Mosque helps church clean up after it was vandalized

Mosque helps church

After a Catholic church was vandalized last month, a nearby mosque donated thousands of dollars to help because it was “the least that they could do.”

Hamid Slimi, imam of the Sayeda Khadija Centre in Mississauga, Ont., paid a visit to a nearby St. Catherine of Siena Roman Catholic church after hearing about the incident through the media, The Toronto Star reports.

That’s where Father Camillo Lando showed him some of the footage of the attack that was caught on security video.

“It was a very bad scene,” Slimi told The Star. “The guy who did it ripped pages out of the Bible. He broke the altar. He threw the cross…”

“When I saw this, I thought it was pure injustice. It was just wrong.”

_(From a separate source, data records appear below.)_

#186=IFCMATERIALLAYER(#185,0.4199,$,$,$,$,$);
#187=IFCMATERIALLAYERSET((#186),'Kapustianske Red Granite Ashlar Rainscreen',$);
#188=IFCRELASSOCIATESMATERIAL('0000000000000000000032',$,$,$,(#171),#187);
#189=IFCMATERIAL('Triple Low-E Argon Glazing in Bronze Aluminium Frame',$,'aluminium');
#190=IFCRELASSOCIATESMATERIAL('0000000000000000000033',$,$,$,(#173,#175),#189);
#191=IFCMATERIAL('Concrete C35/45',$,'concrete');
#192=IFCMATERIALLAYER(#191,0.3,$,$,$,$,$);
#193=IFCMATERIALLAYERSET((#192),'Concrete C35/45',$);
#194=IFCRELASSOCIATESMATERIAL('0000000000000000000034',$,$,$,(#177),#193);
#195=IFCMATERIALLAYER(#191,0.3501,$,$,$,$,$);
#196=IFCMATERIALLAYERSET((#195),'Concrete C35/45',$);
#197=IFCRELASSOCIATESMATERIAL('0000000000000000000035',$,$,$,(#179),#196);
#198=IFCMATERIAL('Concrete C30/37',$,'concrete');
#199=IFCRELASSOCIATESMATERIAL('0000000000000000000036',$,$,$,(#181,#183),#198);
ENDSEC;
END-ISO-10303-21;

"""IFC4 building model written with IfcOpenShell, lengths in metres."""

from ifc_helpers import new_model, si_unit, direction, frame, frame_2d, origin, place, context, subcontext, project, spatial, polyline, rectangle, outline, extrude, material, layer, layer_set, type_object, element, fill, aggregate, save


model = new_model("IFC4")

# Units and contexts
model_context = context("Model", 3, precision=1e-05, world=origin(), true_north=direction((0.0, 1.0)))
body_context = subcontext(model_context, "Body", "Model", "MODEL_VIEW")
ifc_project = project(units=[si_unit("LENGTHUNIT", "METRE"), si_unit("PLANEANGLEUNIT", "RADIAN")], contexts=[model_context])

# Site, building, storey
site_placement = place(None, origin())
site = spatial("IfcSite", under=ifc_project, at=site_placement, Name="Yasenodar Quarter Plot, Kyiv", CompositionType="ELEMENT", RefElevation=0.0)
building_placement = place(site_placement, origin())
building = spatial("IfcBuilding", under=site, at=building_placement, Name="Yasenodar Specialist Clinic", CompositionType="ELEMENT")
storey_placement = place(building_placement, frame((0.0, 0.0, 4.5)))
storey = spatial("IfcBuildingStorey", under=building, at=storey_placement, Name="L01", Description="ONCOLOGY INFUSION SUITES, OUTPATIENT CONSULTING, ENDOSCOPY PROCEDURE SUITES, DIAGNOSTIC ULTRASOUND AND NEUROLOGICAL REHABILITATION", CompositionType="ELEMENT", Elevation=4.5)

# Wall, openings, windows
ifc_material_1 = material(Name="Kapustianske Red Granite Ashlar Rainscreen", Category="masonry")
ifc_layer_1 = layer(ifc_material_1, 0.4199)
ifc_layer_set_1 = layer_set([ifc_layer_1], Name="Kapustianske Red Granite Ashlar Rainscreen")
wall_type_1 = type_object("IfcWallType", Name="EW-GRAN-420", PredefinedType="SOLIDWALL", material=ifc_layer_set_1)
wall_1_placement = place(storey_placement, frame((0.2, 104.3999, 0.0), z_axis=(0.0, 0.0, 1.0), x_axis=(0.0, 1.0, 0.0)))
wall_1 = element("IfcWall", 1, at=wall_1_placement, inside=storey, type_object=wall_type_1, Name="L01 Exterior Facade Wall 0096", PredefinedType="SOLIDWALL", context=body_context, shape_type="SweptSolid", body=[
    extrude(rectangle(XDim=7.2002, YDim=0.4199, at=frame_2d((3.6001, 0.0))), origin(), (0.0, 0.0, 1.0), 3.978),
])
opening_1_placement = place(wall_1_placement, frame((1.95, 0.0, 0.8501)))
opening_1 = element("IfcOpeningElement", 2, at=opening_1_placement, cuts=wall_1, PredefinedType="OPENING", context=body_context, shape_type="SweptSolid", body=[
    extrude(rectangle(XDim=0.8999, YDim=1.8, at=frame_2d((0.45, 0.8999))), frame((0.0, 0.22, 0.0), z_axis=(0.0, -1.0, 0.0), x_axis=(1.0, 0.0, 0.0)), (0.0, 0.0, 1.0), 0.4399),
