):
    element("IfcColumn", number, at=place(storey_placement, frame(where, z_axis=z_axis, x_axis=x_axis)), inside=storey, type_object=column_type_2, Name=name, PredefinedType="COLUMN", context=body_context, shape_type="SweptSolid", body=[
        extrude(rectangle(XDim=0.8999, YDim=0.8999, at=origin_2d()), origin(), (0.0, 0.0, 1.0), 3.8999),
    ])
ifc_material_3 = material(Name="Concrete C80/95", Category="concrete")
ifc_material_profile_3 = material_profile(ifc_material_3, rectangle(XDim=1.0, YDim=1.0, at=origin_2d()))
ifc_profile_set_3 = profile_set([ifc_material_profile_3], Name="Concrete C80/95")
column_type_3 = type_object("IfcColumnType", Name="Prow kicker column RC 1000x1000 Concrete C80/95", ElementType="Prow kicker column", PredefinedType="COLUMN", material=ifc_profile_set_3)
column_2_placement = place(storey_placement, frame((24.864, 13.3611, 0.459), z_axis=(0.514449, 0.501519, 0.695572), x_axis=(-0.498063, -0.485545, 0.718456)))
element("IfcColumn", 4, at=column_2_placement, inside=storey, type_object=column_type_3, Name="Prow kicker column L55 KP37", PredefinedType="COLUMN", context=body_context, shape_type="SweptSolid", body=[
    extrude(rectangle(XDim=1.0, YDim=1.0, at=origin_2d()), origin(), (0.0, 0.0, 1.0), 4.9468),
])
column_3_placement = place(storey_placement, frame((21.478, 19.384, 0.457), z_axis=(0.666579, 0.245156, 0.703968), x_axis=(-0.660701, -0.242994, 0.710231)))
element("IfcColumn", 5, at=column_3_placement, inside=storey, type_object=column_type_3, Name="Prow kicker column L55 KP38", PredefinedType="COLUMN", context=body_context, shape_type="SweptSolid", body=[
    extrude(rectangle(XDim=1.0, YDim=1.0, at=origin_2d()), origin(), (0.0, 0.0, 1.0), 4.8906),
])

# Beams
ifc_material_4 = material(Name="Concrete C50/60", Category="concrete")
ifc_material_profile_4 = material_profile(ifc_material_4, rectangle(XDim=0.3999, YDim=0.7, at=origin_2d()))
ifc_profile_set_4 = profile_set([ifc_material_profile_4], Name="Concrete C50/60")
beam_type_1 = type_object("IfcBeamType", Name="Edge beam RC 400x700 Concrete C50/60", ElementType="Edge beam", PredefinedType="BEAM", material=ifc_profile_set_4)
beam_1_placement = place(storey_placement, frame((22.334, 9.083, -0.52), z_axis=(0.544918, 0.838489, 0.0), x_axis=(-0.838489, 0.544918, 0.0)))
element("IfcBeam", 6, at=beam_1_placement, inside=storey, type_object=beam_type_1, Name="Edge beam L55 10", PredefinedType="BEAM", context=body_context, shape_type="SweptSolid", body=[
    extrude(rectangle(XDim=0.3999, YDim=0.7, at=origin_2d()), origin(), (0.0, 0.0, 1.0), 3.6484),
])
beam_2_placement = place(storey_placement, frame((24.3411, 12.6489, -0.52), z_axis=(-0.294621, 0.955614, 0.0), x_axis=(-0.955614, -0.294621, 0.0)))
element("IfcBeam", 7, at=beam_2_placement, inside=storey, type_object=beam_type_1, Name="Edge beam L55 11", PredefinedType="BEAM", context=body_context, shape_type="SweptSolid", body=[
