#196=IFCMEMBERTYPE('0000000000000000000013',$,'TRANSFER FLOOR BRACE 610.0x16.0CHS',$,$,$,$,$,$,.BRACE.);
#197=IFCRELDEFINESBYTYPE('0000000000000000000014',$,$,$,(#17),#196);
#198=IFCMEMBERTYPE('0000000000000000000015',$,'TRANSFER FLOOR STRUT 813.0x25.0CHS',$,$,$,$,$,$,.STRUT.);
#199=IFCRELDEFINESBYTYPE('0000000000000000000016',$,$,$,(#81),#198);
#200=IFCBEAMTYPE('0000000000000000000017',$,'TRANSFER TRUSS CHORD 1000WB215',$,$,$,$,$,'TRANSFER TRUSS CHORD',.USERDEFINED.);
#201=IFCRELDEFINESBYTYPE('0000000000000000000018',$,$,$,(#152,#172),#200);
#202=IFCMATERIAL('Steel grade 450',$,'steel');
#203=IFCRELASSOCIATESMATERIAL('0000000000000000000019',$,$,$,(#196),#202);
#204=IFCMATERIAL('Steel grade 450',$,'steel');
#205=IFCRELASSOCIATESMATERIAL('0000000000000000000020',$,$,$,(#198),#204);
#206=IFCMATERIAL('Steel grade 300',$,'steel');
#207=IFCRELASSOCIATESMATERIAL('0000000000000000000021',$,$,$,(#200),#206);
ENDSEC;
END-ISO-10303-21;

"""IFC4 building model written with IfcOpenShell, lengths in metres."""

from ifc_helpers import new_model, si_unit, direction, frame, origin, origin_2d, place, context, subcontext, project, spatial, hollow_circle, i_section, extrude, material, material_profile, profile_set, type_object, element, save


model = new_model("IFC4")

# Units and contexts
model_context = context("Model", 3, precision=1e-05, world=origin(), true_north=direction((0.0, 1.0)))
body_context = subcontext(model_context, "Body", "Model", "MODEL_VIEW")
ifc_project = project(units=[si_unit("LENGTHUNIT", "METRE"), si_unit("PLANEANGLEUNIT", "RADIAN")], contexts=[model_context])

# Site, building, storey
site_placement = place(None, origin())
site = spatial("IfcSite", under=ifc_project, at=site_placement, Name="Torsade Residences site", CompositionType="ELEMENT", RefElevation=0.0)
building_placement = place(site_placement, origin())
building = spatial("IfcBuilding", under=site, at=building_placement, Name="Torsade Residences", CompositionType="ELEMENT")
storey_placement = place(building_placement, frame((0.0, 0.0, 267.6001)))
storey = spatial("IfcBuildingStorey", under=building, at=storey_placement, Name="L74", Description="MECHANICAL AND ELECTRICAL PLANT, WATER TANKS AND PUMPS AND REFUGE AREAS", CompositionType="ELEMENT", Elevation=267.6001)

After seeing what had happened to the church in such explicit detail, Slimi informed his congregation about the incident and asked them to donate at a Friday sermon.

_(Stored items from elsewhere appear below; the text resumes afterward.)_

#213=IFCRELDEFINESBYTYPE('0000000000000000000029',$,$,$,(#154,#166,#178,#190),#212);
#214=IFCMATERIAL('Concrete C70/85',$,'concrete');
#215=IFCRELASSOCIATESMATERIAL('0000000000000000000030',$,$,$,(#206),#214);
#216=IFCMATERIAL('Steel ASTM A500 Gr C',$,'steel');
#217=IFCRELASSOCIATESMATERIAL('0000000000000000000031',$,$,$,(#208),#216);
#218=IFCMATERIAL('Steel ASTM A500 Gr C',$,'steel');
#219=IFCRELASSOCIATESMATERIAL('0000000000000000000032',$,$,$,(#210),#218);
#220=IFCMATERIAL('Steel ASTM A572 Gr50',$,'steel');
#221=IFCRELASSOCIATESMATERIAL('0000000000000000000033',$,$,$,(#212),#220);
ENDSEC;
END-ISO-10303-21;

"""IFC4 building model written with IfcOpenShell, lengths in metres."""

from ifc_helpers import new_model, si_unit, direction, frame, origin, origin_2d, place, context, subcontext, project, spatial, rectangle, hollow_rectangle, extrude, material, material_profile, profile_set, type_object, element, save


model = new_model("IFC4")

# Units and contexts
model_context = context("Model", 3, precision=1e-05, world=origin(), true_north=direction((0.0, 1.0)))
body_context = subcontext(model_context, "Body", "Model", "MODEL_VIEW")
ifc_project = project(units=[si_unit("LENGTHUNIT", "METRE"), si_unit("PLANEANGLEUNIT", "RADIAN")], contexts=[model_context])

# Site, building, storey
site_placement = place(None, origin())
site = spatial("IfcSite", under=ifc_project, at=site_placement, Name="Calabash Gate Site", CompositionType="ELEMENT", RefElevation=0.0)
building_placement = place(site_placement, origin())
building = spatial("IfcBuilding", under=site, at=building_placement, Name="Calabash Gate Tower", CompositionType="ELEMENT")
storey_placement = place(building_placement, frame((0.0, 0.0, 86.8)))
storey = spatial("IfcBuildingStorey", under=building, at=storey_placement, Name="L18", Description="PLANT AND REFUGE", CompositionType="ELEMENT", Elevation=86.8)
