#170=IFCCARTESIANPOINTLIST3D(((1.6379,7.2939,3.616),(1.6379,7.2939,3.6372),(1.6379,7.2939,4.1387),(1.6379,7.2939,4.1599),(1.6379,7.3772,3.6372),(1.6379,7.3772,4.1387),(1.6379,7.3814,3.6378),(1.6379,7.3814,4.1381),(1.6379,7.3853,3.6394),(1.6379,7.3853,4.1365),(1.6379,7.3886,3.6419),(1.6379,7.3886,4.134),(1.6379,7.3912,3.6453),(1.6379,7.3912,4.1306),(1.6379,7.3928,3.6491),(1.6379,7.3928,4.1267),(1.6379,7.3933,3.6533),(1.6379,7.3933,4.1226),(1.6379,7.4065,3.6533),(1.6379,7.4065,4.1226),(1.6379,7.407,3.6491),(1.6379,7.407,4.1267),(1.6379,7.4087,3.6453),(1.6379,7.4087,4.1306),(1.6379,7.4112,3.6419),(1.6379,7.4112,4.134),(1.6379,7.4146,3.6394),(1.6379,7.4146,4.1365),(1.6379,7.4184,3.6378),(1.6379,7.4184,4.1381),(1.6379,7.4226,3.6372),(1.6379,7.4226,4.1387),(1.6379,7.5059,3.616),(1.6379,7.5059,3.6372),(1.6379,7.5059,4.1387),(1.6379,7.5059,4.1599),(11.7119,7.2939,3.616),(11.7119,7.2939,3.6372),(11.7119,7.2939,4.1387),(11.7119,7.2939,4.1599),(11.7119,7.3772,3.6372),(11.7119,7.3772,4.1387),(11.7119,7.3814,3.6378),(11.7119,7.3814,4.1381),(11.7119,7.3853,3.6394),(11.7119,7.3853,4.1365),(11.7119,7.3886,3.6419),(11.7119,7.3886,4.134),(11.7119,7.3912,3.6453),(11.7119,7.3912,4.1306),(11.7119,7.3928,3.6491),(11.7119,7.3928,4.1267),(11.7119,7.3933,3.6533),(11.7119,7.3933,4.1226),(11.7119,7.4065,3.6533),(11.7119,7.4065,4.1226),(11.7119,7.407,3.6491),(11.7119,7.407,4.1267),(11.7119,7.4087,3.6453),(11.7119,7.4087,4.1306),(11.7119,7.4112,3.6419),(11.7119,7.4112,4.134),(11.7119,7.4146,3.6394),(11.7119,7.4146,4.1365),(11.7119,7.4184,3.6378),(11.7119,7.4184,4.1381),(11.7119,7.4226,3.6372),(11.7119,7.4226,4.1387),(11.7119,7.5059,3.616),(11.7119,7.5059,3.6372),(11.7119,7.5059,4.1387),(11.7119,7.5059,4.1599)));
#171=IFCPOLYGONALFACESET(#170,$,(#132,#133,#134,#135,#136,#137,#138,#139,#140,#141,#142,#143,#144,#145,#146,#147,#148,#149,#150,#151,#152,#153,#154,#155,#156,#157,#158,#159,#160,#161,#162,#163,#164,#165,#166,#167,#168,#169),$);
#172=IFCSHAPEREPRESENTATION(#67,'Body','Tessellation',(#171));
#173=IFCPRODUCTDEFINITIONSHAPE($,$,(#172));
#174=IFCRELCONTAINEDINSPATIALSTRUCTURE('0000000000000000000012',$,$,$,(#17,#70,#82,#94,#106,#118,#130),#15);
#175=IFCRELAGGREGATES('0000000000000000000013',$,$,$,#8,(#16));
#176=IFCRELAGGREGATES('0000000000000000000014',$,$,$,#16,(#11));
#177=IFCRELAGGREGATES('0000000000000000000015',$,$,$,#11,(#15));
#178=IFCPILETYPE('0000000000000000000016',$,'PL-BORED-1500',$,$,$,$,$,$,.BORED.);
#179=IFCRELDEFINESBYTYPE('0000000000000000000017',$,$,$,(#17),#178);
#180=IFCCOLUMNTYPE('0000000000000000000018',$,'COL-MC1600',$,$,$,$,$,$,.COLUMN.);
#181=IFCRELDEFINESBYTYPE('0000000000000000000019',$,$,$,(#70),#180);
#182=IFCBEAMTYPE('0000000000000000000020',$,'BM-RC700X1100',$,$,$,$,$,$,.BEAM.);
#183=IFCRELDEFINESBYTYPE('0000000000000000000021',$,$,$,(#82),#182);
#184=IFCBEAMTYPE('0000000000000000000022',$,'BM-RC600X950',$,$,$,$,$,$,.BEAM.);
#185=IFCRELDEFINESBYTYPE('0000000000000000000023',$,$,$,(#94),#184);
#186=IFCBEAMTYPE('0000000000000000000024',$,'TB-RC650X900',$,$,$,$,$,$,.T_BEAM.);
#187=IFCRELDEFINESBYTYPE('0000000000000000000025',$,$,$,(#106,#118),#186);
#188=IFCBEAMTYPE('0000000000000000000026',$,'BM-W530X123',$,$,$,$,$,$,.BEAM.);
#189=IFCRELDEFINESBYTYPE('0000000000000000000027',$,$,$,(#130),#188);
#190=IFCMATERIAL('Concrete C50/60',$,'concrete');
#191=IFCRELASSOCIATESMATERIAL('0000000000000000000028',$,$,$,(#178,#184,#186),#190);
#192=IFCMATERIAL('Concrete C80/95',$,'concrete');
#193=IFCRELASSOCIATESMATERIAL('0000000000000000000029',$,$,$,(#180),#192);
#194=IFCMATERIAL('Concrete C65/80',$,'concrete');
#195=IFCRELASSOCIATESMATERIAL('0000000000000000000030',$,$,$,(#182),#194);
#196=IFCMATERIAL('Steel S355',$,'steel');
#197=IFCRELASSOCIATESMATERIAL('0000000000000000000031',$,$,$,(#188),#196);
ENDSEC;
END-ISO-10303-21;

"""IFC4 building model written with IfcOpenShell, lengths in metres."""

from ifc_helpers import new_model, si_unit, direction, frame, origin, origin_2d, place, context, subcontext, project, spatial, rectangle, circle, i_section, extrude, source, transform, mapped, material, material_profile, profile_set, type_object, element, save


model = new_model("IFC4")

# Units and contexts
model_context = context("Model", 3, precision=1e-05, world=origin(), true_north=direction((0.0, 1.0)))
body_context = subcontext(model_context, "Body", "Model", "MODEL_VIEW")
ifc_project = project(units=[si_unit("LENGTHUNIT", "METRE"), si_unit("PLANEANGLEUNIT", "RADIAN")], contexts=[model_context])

The congregation was able to raise almost $5,000 for the church in just one day.

“We believe there is no discrimination in charity. It is the act that is rewarded. It doesn’t matter who is the recipient,” said Slimi.

Video footage of the incident was disturbing, but the church was subject to yet another attack a few days later; the school attached to the church was sprayed with graffiti and a statue of Jesus was desecrated.

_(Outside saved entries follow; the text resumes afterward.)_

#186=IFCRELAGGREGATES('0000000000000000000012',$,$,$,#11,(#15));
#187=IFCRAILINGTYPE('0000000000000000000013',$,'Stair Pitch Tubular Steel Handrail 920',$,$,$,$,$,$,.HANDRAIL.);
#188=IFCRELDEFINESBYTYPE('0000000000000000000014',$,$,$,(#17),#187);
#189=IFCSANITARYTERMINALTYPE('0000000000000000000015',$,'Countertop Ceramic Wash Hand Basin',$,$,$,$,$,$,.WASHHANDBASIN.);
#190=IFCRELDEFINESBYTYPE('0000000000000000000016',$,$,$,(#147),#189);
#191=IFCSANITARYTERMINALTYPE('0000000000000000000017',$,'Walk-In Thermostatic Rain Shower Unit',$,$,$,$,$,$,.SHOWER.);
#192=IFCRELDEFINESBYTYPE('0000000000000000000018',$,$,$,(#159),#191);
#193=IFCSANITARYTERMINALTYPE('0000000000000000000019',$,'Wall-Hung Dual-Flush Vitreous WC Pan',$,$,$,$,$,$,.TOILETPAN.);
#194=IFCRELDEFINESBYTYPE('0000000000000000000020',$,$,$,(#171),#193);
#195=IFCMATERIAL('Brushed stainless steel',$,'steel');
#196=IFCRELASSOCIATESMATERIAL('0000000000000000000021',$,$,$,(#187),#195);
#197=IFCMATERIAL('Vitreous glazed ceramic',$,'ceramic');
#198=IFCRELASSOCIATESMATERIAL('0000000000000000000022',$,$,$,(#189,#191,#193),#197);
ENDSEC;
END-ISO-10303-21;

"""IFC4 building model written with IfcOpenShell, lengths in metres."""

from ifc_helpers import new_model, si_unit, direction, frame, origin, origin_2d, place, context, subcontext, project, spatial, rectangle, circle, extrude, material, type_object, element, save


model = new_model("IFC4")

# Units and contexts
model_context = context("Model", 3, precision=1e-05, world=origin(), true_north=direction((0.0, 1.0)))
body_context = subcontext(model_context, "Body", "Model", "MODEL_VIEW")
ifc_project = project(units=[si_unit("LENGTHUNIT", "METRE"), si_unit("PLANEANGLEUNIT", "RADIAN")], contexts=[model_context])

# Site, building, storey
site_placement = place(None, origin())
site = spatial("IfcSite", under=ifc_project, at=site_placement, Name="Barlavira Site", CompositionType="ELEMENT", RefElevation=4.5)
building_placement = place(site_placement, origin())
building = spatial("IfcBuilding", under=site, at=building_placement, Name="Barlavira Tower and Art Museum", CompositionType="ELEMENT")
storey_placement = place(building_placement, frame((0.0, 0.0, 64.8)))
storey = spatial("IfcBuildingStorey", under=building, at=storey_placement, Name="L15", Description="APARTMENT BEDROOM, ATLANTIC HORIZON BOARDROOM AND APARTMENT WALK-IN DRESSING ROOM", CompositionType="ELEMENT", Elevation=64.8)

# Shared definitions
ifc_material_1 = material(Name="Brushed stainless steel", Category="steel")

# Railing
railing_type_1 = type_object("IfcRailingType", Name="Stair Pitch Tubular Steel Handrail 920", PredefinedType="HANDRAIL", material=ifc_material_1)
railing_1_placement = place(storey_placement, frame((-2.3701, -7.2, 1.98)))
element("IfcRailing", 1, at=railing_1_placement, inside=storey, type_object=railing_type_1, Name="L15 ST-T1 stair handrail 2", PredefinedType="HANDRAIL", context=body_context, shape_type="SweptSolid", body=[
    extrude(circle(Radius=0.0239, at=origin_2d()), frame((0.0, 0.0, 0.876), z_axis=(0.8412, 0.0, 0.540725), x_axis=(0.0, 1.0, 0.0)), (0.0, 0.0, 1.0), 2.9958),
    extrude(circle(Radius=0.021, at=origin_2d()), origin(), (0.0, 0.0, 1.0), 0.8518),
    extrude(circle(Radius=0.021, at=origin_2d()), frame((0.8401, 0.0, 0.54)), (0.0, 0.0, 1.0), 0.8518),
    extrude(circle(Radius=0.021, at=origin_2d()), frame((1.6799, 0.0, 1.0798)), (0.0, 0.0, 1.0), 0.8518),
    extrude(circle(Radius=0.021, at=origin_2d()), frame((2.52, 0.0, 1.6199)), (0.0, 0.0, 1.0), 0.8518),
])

Police later arrested Iqbal Hessan, 22, and charged him with break and enter, committing an indictable offence and five counts of mischief over $5,000 dollars.

At the bail hearing, Hessan said that he was “upset with the Christian religion.”

His father told the court that his son had been diagnosed with schizophrenia, and after reviewing his mental health history, police decided that they were “not proceeding with a hate crime [prosecution]” since there was “no evidence of mal-intent.”

But despite all that has happened, Lando urges the congregation to “forgive and forget.”

“Our attitude is to pray for the one who did it,” he said.

When Slimi presented the church board with the cheque, he told them that his congregation was happy to lend a helping hand.

“I told them, this is what any Muslim would do.”

Lando called the gesture “beautiful and generous” and said it was an act of “confidence and understanding.”

“We are walking together in this community. We keep our faith, and we have to honour and respect people of other faiths.”